The z component of the TD coil configuration is same as coil structure opted for xy plane shown in
Figure 6b. So by combining it with the existing coil structure we get a coil structure shown in
Figure 6c. When an excitation current is applied to the coil 1 on z axis called as cz1. We obtained a magnetic flux pattern shown in
Figure 8a, where the blue data is the maximum of cz1′s major component. The reason we are not showing its conventional minor component is, because the whole xy plane is tangent to z plane as can be seen in
Figure 7f. So as xy is the tangential component and all of its values had been founded, discussed and displayed previously in
Figure 7 in this same section. We will simply take the maximum of all the coils on xy plane as a tangential component of each coil present at z plane. Magnetic flux pattern shown in
Figure 8b is obtained by introducing a 2nd coil cz2 which is at 40° shifted from cz1. The blue data is the maximum of cz2, red data is the maximum of all coils at xy plane, and the data shown with black is the maximum of all coils at xy plane and the maximum of two coil introduced in z plane, i.e., cz1, cz2. Magnetic flux pattern shown in
Figure 8c is obtained by introducing a 3rd coil cz3 which is at 80° shifted from cz1 and 40° shifted from cz2. The blue data is the maximum of cz3, red data is the maximum of all coils at xy plane, and the data shown with black is the maximum of all coils at xy plane and the maximum of three coils introduced in z plane, that are cz1, cz2 and cz3. Magnetic flux pattern shown in
Figure 8d is obtained by introducing a 4th coil cz4 which is at 120° shifted from cz1, 80° shifted from cz2 and 40° shifted from cz3. The blue data is the maximum of cz4, red data is the maximum of all coils at xy plane, and the data shown with black is the maximum of all coils at xy plane and the maximum of four coils introduced in z plane, that are cz1, cz2, cz3 and cz4. In
Figure 8e we have plotted the maximum of all coils at xy plane shown with red, and the black line is showing the combination of both the maximum of all the coils at xy planes and maximum of all the coils at z planes. The
Figure 8f is introduced for the better understanding of the reader.
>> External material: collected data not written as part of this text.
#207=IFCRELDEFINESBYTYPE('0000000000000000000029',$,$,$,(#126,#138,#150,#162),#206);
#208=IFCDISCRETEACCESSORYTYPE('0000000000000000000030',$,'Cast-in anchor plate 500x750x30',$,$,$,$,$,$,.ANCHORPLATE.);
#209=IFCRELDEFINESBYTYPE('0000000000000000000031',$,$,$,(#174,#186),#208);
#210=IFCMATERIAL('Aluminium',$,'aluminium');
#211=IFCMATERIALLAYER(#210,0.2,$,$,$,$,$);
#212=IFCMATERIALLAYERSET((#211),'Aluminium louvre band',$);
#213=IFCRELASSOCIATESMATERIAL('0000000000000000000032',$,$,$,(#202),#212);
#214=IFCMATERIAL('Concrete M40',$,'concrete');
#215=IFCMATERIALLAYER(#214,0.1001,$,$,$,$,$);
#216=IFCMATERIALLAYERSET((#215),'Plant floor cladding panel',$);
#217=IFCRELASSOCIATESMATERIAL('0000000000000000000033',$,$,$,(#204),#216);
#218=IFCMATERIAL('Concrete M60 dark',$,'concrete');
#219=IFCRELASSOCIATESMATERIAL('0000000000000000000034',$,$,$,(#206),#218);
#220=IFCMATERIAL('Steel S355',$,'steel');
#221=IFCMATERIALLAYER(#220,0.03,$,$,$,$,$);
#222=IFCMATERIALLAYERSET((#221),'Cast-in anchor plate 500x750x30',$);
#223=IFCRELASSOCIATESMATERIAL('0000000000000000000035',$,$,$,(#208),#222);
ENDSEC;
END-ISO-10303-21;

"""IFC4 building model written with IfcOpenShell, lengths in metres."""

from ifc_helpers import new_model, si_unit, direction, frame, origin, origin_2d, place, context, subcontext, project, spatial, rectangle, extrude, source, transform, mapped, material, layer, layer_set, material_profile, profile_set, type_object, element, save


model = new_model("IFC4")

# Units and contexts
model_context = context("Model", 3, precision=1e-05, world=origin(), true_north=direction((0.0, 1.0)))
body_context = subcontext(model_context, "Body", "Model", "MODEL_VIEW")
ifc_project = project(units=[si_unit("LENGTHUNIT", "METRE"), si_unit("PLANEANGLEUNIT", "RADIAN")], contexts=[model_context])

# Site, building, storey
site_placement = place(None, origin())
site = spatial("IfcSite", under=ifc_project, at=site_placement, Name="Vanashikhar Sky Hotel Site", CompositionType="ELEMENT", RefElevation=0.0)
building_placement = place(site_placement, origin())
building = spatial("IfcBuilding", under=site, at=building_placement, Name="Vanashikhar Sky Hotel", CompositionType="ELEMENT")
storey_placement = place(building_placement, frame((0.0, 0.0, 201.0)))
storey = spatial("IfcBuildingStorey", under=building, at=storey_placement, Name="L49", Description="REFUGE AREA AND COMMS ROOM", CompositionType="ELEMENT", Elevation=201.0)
The xy plane is colored blue to indicate that we achieved a communication pattern for xy plane, and the z plane is colored yellow to indicate that magnetic flux pattern for z axis is also obtained.
Now, as both the major and minor component of magnetic flux of the opted MI TD coil for UWSNs are obtained, for xy and z plane. We had plotted those points in a 3D plot for the ease of understanding of the reader. The sphere shown in
Figure 9a is obtained by plotting the maximum values of the magnetic flux patterns shown in
Figure 8e. Whereas
Figure 9b on the other hand is the top view of the 3D plot to give the reader a new perspective for understanding the magnetic flux around the MI TD coil.